Für die Stadt darf die Ausweitung des Angebots keine Mehrkosten verursachen. Dies betonte Vereinspräsident Dubois gleich mehrfach. «Es gibt erheblichen politischen Druck von der Stadt, dass das Defizit reduziert werden soll.»

Wie der Gewinn der privaten Spitex verwendet werden soll, ist noch nicht klar. Gestartet wird das Projekt voraussichtlich Mitte April nächsten Jahres. Bis dann sollen die Strukturen (Personal und Infrastruktur) aufgebaut werden. Claude Dubois stellt sich vor, dass mit einem Teil des Gewinns Härtefälle gelindert sowie weitere Projekte der Spitex finanziert werden. Zudem muss die von der Generalversammlung bewilligte Anschubfinanzierung zurückbezahlt werden.
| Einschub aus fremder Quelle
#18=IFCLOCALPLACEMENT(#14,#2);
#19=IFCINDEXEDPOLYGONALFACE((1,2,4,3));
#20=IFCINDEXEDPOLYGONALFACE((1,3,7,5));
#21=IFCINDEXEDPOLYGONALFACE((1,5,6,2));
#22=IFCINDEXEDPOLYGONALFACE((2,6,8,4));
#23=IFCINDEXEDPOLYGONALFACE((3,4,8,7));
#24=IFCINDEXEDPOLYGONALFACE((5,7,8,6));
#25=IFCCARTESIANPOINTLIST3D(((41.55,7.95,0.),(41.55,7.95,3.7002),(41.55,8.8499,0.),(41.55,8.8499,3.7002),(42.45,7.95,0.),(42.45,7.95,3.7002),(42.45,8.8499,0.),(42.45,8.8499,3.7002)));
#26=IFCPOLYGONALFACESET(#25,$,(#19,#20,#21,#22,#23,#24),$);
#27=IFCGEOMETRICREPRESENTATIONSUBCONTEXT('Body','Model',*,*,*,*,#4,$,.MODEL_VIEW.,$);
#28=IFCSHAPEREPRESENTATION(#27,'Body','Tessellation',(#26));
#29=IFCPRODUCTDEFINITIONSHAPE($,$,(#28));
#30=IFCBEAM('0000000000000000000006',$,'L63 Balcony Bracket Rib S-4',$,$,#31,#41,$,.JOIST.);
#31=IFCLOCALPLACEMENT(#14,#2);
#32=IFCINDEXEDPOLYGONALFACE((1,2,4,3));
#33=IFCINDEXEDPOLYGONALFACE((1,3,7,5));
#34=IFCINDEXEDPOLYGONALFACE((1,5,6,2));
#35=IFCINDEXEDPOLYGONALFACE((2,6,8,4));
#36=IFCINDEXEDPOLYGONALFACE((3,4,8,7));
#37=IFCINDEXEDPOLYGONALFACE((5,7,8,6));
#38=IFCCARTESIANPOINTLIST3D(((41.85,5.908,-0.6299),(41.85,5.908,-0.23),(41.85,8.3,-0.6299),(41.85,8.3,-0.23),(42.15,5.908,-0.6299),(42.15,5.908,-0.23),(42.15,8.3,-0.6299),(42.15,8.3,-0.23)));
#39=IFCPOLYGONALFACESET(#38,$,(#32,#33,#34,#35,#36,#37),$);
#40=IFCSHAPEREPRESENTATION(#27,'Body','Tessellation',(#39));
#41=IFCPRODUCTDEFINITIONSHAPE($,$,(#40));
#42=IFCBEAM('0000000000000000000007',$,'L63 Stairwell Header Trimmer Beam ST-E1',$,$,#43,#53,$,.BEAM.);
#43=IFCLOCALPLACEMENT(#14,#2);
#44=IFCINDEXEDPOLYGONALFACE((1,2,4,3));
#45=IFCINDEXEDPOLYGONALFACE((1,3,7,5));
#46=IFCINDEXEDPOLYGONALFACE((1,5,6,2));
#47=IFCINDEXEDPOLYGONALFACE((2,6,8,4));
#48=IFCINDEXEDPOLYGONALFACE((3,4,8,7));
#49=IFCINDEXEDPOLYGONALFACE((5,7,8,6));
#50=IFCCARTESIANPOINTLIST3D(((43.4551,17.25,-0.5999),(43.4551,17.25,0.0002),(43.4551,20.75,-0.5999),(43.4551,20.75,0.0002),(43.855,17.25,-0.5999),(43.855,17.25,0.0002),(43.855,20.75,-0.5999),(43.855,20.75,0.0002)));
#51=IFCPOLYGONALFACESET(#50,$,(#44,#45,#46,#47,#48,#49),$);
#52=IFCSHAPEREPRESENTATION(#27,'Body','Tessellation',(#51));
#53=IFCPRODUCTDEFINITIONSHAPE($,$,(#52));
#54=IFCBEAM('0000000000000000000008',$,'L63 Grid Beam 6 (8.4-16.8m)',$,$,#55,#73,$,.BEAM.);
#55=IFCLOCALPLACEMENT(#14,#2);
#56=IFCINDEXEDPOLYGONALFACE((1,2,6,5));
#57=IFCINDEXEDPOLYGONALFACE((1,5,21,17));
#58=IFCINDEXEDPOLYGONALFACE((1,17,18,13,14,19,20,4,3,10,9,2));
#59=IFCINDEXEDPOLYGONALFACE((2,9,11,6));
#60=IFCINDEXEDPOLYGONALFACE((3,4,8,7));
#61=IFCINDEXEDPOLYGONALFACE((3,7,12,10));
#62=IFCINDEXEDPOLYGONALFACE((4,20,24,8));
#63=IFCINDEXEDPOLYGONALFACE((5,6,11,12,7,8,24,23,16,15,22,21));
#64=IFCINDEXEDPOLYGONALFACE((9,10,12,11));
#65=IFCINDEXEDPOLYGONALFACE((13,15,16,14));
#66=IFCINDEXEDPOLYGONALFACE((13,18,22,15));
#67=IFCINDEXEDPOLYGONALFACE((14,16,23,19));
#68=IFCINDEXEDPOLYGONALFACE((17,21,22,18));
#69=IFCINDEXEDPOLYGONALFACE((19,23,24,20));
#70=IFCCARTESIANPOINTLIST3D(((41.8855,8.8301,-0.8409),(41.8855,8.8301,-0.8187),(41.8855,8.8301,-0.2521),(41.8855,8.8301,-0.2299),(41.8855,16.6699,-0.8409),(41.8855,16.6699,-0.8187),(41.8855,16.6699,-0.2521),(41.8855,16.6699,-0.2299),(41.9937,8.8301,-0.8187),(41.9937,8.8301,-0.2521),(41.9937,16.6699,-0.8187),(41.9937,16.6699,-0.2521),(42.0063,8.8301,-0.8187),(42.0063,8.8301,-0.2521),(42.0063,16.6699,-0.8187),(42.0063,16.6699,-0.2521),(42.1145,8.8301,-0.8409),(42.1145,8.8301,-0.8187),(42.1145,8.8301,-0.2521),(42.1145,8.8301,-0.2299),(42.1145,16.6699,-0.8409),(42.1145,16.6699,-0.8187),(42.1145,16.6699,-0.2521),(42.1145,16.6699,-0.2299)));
«Mit unserem zusätzlichen Angebot wollen wir nicht die Bedürfnisse einer Premium-Klasse, die viel Geld hat und sich alles leisten kann, bedienen», sagte Dubois, «Leistungen, die über unseren Dienstleistungskatalog hinausgehen, werden von Menschen aus allen Schichten gewünscht.» Das habe auch eine Studie gezeigt, die letztes Jahr von Studentinnen der Fachhochschule Nordwestschweiz gemacht worden ist:

Begleitung, Beratung, Betreuung – das ist es, was die Spitex-Kunden wünschen und von ihrer Organisation bis anhin nicht geboten bekommen.
Bis jetzt ist es so, dass auch die Dauer der Spitex-Dienste beschränkt ist, auch wenn die Kunden eine längere Betreuung nötig hätten und die Spitex diese erbringen könnte. Künftig werden die Klientinnen und Klienten oder deren Angehörige bei der ihrer Spitex auch solche zusätzliche Leistungen beziehen können.